26 апреля Украина отмечает трагичную дату – 25-летие с момента катастрофы на ЧАЭС. Что происходило на станции в течение следующего месяца, знает Леонид Гринченко.
О взрыве на ЧАЭС на тот момент полковнику, служившему в оперативном командовании войск юго-западного направления, Леониду Гринченко стало известно практически сразу. Хотя масштабы трагедии были не ясны. Пока шли разбирательства в самом Чернобыле, в Кишиневе занимались мобилизацией войск. С 27 апреля до 2 мая.

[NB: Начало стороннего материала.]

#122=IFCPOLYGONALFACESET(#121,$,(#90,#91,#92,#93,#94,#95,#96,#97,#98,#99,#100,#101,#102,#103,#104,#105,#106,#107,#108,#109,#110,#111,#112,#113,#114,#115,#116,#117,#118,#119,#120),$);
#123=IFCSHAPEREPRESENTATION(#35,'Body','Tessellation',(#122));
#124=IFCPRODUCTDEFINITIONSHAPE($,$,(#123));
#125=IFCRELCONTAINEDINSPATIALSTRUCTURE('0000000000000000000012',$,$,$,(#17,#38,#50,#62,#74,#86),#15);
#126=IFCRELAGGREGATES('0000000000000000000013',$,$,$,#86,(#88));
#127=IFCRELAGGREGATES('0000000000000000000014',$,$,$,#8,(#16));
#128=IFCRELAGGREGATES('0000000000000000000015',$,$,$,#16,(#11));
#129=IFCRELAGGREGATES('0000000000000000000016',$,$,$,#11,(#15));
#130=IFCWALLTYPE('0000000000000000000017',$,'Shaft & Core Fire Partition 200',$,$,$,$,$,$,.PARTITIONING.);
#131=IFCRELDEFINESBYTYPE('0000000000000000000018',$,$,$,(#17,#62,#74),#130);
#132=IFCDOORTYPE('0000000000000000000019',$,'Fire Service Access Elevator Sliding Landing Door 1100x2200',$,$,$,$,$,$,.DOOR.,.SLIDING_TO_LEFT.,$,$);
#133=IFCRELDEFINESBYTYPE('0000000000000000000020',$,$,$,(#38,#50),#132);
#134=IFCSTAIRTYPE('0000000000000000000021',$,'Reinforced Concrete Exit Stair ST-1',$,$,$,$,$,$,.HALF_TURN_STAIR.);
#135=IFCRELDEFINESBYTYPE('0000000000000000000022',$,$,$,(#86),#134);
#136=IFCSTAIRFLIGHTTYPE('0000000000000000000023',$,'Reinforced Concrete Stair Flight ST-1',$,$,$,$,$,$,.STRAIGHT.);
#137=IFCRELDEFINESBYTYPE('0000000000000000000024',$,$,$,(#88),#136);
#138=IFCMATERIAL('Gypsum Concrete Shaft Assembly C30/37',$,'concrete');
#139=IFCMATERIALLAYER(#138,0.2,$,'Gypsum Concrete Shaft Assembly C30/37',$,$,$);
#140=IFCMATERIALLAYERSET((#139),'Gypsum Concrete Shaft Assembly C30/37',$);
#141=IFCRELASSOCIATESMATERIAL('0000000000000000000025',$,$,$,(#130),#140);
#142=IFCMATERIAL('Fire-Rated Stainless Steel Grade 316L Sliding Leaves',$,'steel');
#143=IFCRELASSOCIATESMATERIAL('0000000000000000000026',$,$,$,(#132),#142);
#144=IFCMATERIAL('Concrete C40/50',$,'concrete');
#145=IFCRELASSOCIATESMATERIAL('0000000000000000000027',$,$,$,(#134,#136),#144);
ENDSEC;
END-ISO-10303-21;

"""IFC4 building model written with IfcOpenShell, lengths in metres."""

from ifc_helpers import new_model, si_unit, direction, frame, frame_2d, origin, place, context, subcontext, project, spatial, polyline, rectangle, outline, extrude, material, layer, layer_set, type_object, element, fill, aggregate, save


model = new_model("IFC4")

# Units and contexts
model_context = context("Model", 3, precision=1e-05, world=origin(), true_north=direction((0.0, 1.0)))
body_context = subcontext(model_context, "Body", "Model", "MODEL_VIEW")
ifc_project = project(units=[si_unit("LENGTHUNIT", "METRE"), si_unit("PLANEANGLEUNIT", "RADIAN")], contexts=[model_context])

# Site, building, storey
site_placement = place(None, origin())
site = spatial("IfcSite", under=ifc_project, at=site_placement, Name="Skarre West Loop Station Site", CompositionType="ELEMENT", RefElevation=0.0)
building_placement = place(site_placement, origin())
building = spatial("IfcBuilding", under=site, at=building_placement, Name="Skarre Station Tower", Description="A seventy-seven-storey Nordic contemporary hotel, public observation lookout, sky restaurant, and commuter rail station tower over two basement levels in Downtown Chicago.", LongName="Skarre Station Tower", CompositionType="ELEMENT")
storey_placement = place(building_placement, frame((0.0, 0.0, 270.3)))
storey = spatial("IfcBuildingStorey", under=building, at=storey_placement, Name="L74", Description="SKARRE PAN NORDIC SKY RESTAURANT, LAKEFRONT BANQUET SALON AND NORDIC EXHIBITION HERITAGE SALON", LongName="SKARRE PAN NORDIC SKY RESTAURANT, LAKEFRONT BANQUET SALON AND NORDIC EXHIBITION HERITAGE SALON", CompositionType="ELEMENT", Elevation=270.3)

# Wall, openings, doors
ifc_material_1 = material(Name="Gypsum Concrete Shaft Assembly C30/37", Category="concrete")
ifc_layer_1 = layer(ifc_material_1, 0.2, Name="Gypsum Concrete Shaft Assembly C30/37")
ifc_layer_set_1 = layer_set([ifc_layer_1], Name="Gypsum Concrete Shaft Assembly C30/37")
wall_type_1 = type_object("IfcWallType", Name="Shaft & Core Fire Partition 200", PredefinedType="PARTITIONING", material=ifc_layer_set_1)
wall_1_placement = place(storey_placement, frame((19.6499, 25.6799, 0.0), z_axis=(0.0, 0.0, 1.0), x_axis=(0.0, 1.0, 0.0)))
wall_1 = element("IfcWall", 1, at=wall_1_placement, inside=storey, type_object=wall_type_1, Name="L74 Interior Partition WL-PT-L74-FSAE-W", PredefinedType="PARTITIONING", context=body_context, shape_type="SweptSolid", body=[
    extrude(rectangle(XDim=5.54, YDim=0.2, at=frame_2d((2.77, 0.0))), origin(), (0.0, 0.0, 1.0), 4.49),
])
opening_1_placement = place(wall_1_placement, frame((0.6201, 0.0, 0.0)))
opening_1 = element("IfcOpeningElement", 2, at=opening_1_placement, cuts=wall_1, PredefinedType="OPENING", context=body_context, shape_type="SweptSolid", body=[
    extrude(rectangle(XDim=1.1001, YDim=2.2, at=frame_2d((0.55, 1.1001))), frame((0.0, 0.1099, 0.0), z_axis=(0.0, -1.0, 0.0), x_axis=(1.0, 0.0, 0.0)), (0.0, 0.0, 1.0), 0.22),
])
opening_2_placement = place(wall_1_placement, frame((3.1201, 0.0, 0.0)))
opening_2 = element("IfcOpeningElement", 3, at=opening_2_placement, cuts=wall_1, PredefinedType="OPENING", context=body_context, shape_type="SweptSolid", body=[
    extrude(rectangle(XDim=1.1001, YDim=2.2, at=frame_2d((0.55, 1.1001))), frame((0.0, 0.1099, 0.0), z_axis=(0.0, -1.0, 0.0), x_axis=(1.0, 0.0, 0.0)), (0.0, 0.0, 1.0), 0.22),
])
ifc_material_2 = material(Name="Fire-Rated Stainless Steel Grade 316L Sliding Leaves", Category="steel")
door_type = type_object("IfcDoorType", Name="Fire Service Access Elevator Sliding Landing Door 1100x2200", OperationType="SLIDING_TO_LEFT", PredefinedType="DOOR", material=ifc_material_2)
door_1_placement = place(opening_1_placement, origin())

Леонид Гринченко, генерал-майор в отставке, участник ликвидация последствий аварии на ЧАЭС
Вот 1 мая во время демонстрации мы подписывали директивы. Я помню в Кишиневе главком стоял на трибуне, а я ему подсовывал из-под трибуны директивы на подписание
4 числа около 50 военных руководителей из Кишинева были уже в Чернобыле. Сам Леонид Гринченко (практически не спавший первые 10 суток) занимался организацией военных частей. Дислокация, пропитание, распределение полутора тысяч единиц техники и десятков тысяч солдат. К 15 мая число военных в районе станции было около 30 тысяч человек, а к концу месяца – 60 тысяч. Именно силами армии, в первую очередь, шла ликвидация.
Леонид Гринченко, генерал-майор в отставке, участник ликвидация последствий аварии на ЧАЭС
Он вправе отказаться, никто его не может заставить. И вас тоже никто не может заставить. В этом случае заставляет работать армия. И те, кто носит погоны, те же пожарные, милиция, не имеют права отказаться от работы. И командир, зная, что кто-то получит травму, заражение, он обязан выполнять задачу. Поэтому и ликвидация последствий шла в основном через армию
Сегодня много говорят об ошибочных решениях, принятых в те дни. Возможно, не нужно было закидывать реактор мешками с песком. Возможно, не стоило проводить дегазацию Припяти уже 5-6 мая. Ведь из-за горевшего реактора уровень радиации возобновлялся уже на следующий день, а люди выполнявшие эту работу, получили дозу заражения. Но тогда решения приходилось принимать молниеносно в нечеловеческих условия. Люди работали самоотверженно, вспоминает Леонид Гринченко. Каждый день проводились совещания утром и вечером. Министры, ученые, военные сообща и без каких-либо бюрократических проволочек принимали решения на свой страх и риск. Например, нужно было срочно выкачать тонны воды из-под реактора. Ведь если бы горящий радиоактивный реактор провалился в эту водную массу, это грозило вторым взрывом, мощность которого могла бы уничтожить пол-Европы.
Леонид Гринченко, генерал-майор в отставке, участник ликвидация последствий аварии на ЧАЭС
— Давай будем бурить дырку, кто будет бурить? Как бурить?
Шахтер говорит:
— Мы пробурим. Привезем к утру установку и утром уже проделаем эту дырку.
— Так трубы, куда качать воду эту? 9 тысяч тонн.
— Есть запасная емкость, специально подготовленная.
— Чем качать? Герасимов, трубы найдешь?
— Есть у нас трубы.
— Какие?
— Оцинкованные.
— Нет, нужна нержавейка. Где нержавейка?
— В Иркутске.
Госплан говорит:
— Довезем. 10 часов, и трубы будут.
— Тогда завтра качаем воду.
Вот это было принято решение
Работы было так много, а времени настолько мало, что о личной безопасности в те дни мало кто думал. Даже марлевыми повязками просто пренебрегали. И, наверное, это было неправильно, спустя 25 лет вспоминает Леонид Гринченко.
Леонид Гринченко, генерал-майор в отставке, участник ликвидация последствий аварии на ЧАЭС
Боялись мы, не боялись? Радиация, так как сегодня, вы не чувствуете, есть вред или нет. Вот так и мы не чувствовали. Никто не задумывался о последствиях. О том, что пожарные погибли, Кибенок и эти 6 человек первые, мы узнали через какое-то время. Но это не повлияло, мы знали, что просто они попали в самое пекло. Они ценой своей жизни, это те же Матросовы, которые закрыли амбразуру
Леониду Гринченко повезло. 23 дня проведенные им в непосредственном близости от Чернобыльской радиации не сказались на его здоровье. Тысячи других людей поплатились жизнью. Но выхода не было ни у кого. Каждый, кто был там в эти дни, вспоминает Гринченко, выполняли поставленные задачи, не задумываясь об опасности. Ведь иначе … О том, что могло произойти в противном случае, даже страшно говорить.